Tonight the dungeon master was not in: so far as I was concerned this was an evening of drinking with the boys and should I end up in one of the bedrooms the Frith Street end of the complex then so be it. On the whole, membership of the Divan costing the earth, we had very few rough and unpleasant types in. Over-ingenious, yes: but seldom ignorant or rough.

I daresay one of my objections to going out filming with Clive and Audrey was simply snobbish—they were, frankly, people's films, and “the people,” as I found them in what were euphemistically called the suburbs, were often crude and competitive or simply dull and brutish in their sexual habits.

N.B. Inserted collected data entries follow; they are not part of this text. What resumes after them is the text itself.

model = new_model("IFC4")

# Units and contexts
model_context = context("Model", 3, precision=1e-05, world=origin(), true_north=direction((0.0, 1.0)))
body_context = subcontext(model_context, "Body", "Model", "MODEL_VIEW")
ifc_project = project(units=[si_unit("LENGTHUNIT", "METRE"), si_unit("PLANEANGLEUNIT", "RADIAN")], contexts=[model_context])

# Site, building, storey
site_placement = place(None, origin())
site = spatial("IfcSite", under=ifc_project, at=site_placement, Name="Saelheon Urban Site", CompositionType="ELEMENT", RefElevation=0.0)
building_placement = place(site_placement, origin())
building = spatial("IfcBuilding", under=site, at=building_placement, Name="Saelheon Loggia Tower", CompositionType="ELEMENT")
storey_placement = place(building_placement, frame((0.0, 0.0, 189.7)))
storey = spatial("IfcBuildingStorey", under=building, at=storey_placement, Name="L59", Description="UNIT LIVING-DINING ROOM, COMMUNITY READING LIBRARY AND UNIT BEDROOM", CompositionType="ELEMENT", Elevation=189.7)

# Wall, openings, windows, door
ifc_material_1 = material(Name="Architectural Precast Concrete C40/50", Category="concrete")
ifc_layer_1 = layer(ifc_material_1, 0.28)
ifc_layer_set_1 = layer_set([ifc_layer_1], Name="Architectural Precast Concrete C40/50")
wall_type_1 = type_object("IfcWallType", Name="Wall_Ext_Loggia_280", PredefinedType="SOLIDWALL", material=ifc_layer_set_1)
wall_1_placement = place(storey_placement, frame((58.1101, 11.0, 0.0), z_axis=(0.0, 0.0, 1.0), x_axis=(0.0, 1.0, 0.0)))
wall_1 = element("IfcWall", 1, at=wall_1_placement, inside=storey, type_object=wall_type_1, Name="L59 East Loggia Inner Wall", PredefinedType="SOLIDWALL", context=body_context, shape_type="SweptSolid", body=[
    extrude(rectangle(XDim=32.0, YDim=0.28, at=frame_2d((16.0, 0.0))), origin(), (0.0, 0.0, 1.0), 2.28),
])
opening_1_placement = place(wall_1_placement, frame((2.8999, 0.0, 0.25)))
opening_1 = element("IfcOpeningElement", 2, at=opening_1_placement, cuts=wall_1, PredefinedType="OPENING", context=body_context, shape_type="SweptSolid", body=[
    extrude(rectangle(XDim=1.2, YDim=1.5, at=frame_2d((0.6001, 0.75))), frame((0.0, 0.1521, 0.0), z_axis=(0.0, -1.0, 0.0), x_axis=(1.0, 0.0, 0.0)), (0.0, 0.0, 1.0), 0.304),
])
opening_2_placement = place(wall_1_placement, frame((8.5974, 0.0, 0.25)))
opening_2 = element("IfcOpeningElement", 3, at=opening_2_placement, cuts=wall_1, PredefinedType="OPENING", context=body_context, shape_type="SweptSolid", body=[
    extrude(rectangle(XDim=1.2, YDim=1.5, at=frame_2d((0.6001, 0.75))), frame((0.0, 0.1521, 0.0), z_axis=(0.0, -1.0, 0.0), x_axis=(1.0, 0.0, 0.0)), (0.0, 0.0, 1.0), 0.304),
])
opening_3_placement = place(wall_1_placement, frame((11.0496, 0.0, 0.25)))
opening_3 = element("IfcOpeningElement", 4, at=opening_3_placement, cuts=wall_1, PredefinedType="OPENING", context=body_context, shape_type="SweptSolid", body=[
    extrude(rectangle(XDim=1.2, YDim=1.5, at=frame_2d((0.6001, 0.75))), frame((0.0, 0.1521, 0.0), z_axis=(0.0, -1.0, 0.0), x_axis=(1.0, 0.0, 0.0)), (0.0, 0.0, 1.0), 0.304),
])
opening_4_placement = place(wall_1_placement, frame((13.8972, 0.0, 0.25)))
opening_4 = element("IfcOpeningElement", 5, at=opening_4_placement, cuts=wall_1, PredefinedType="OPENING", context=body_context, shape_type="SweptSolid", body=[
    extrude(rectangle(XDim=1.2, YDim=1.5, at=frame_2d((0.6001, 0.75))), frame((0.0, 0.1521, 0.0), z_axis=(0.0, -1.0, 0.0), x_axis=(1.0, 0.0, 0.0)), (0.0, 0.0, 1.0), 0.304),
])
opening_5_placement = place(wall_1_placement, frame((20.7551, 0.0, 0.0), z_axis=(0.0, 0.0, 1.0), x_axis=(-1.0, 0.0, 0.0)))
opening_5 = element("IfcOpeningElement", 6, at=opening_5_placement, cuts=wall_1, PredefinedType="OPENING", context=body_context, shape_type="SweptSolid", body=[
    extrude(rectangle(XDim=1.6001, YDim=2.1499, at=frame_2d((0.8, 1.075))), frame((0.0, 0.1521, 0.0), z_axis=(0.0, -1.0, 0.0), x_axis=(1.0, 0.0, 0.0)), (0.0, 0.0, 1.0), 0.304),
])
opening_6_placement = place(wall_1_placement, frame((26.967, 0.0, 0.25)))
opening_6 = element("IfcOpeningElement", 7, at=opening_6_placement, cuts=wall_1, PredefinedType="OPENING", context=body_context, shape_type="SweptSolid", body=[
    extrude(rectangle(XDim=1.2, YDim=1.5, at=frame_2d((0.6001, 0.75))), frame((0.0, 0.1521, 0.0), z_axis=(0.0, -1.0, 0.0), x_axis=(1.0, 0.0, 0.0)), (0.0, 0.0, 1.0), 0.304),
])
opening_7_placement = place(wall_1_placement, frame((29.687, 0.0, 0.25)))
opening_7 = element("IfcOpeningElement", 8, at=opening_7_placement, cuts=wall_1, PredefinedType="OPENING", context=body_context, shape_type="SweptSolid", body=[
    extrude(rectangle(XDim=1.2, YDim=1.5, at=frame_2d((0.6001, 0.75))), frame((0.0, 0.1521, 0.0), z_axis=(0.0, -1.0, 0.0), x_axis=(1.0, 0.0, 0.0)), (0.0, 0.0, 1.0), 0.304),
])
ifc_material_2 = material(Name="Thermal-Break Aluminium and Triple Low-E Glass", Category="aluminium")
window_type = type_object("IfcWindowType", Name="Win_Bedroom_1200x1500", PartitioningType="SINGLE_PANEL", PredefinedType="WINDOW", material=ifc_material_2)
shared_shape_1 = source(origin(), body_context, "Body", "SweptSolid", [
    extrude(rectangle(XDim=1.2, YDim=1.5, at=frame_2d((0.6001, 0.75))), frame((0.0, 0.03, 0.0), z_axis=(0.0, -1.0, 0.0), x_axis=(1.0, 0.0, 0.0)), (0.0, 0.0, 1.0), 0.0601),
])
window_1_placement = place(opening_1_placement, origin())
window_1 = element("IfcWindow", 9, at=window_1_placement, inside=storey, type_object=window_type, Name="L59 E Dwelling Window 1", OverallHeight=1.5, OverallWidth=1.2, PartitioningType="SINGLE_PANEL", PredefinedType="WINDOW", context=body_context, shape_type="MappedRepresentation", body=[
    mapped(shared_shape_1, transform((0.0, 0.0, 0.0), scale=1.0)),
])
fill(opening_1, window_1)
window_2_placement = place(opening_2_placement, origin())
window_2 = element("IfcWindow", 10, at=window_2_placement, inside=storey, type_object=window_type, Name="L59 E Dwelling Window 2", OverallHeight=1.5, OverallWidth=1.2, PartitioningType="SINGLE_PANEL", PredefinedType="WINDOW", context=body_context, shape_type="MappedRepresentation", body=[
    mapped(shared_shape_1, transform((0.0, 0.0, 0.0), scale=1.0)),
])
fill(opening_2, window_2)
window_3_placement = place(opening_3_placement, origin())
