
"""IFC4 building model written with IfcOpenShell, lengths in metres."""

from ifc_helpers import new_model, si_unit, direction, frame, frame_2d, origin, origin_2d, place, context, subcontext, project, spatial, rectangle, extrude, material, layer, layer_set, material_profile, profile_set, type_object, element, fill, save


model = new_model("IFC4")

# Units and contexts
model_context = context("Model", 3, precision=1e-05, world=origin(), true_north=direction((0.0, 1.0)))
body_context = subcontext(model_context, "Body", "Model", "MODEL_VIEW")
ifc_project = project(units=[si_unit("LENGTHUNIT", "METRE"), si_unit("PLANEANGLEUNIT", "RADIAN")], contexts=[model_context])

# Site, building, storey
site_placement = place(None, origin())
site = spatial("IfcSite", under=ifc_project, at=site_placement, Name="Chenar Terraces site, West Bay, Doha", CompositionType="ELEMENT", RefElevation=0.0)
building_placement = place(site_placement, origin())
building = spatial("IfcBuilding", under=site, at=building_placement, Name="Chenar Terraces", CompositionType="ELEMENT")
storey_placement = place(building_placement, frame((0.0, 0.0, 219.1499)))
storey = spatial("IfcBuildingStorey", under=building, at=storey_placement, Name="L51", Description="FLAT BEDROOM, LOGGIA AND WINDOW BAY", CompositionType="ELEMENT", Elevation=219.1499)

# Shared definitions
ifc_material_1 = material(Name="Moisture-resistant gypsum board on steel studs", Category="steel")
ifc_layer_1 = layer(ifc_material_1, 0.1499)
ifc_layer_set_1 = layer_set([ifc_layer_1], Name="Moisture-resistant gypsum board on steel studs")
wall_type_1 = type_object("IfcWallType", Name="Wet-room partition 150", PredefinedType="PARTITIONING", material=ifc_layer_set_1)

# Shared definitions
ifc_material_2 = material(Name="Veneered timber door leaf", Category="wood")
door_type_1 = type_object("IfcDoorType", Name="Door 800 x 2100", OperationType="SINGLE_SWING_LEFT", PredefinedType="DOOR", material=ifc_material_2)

But tonight Mr. M, of the smiling mouth, mean eyes and whiskery chin came in about ten-thirty, ordered a drink, sat down beside me and looked me up and down with lecherous eyes. Well, after all, that was why I was sitting there topless and smiling, in order that others should look at me speculatively and lecherously, and if they were lecherous enough, why then they would hand over money to the management. But he came too close and without invitation or permission tweaked a
nipple with none too clean fingernails. I moved away pointedly and sat somewhere else. Audrey saw and shook her head at me. That was being rude to the clients: it was my job to be nice to them.

I moved yet further away. Audrey went and had a word with Clive. Clive went over to Mr. M and had a brief conversation and Mr. M simpered in my direction and nodded and Audrey went behind the bar, got the key to the dungeon, handed it to me and asked me to open up and bring back a pony girl mask. Pony girls and pony boys get harnessed up, the bit between their teeth, and asked to trot round and do their master's bidding, turn left and right and do what they're told, but it is a fairly soft option for down there.

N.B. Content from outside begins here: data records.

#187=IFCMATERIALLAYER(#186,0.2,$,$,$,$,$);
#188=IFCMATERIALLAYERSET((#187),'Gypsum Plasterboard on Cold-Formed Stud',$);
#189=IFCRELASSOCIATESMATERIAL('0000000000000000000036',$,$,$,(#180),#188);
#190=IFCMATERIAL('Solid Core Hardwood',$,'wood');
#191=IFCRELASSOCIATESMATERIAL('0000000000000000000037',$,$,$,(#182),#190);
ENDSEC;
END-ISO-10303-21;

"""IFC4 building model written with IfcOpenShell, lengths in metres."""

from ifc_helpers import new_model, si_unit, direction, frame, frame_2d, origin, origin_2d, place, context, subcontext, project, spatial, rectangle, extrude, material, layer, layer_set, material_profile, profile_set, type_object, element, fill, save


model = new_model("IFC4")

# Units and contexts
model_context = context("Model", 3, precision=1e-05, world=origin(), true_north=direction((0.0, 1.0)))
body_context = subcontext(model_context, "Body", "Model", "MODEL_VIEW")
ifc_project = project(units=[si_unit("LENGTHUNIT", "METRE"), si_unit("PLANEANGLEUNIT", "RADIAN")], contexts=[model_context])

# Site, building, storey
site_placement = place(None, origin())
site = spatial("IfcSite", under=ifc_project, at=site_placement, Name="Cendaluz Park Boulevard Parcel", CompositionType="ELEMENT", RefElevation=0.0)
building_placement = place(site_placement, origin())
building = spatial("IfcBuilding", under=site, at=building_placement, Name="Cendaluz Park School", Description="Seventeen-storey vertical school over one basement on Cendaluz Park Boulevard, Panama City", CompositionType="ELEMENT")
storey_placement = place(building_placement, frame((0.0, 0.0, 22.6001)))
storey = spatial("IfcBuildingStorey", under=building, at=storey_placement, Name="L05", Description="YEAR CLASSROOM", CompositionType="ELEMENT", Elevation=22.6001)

True, the more decadent of the Russian aristocrats used to have naked peasant girls to pull their carriages, but I don't think they fucked them, it was just a pleasant sight. And even Aristotle was rumored to be a pony boy and liked to be ridden by women. This may be, as Vanessa pointed out, beacuse there is in existence a 1420 etching of him by one Hans Bedlung Grien—
Aristotle riding Phyllis
, and they're both naked—but I reckon Phyllis is the Greek Goddess of the spring, trees, wisdom and women's secrets, not just some girlfriend, and that's how the rumor originated. At any rate ponyism tends to be out-doorish and to do with display and consensus.

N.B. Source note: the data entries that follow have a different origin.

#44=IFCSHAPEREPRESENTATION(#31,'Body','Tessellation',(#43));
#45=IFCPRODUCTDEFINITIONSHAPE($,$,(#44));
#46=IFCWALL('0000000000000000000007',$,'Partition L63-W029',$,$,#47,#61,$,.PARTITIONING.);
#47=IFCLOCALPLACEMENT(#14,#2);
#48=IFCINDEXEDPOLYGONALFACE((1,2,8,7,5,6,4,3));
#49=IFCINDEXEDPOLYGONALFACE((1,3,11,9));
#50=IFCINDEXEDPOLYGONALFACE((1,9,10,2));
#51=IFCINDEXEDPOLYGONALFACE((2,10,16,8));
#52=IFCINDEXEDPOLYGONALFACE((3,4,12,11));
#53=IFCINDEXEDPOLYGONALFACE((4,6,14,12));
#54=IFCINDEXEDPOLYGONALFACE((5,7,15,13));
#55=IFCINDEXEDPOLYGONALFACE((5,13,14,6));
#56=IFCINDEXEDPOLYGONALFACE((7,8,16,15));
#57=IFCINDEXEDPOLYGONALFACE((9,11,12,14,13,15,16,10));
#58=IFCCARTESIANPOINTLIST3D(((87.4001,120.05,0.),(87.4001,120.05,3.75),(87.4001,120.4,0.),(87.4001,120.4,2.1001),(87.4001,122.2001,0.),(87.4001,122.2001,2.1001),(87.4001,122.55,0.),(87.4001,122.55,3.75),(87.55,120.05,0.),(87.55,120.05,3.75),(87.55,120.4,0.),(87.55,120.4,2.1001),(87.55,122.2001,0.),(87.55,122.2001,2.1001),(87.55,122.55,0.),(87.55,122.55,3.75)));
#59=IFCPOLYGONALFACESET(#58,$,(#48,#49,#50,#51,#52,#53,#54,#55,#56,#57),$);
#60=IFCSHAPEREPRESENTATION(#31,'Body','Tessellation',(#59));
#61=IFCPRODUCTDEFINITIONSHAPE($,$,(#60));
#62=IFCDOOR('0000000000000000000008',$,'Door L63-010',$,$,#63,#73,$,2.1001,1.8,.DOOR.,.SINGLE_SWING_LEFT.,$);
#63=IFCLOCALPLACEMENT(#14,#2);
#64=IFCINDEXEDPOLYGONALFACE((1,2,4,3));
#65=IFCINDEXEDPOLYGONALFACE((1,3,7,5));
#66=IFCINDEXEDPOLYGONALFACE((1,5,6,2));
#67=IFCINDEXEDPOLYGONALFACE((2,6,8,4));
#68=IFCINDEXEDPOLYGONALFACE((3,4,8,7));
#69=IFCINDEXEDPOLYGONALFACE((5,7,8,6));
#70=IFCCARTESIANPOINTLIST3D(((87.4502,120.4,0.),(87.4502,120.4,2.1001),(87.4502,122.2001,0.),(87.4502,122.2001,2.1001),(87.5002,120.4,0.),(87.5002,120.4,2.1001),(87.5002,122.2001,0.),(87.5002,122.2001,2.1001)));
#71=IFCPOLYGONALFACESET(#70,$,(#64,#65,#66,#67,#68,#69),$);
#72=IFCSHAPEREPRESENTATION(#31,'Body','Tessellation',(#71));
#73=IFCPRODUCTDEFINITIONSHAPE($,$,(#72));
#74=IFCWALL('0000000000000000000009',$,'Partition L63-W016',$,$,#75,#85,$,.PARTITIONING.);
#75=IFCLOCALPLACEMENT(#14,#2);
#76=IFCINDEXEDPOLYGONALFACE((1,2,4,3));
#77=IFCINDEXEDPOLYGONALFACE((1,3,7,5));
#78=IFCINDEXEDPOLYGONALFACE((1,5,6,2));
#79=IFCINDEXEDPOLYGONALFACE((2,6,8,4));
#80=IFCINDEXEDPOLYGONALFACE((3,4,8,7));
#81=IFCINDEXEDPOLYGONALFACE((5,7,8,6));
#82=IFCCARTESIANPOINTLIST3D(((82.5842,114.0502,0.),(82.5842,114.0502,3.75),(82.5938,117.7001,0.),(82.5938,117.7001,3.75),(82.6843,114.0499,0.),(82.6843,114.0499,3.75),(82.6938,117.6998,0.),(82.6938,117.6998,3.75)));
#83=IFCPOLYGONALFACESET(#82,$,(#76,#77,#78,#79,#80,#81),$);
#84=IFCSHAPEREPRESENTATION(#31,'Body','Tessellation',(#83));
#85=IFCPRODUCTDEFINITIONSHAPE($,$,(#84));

So I trotted along the dark passages in my little red and white spotted rah-rah skirt and heels and nothing
much else. I daresay I am by nature over trusting, but in my view this is preferable to expecting the worst of everyone. If you expect the best sometimes it happens. I unlocked the door, turned on the lights—red and spooky—and went over to where the gags and bits and saddles were kept. But of course Mr. M was padding along behind me as I pranced along, and before I knew it I'd been pushed to the ground, and was tethered by the ankle to a chain, the other end of which was padlocked to an iron ring in the floor.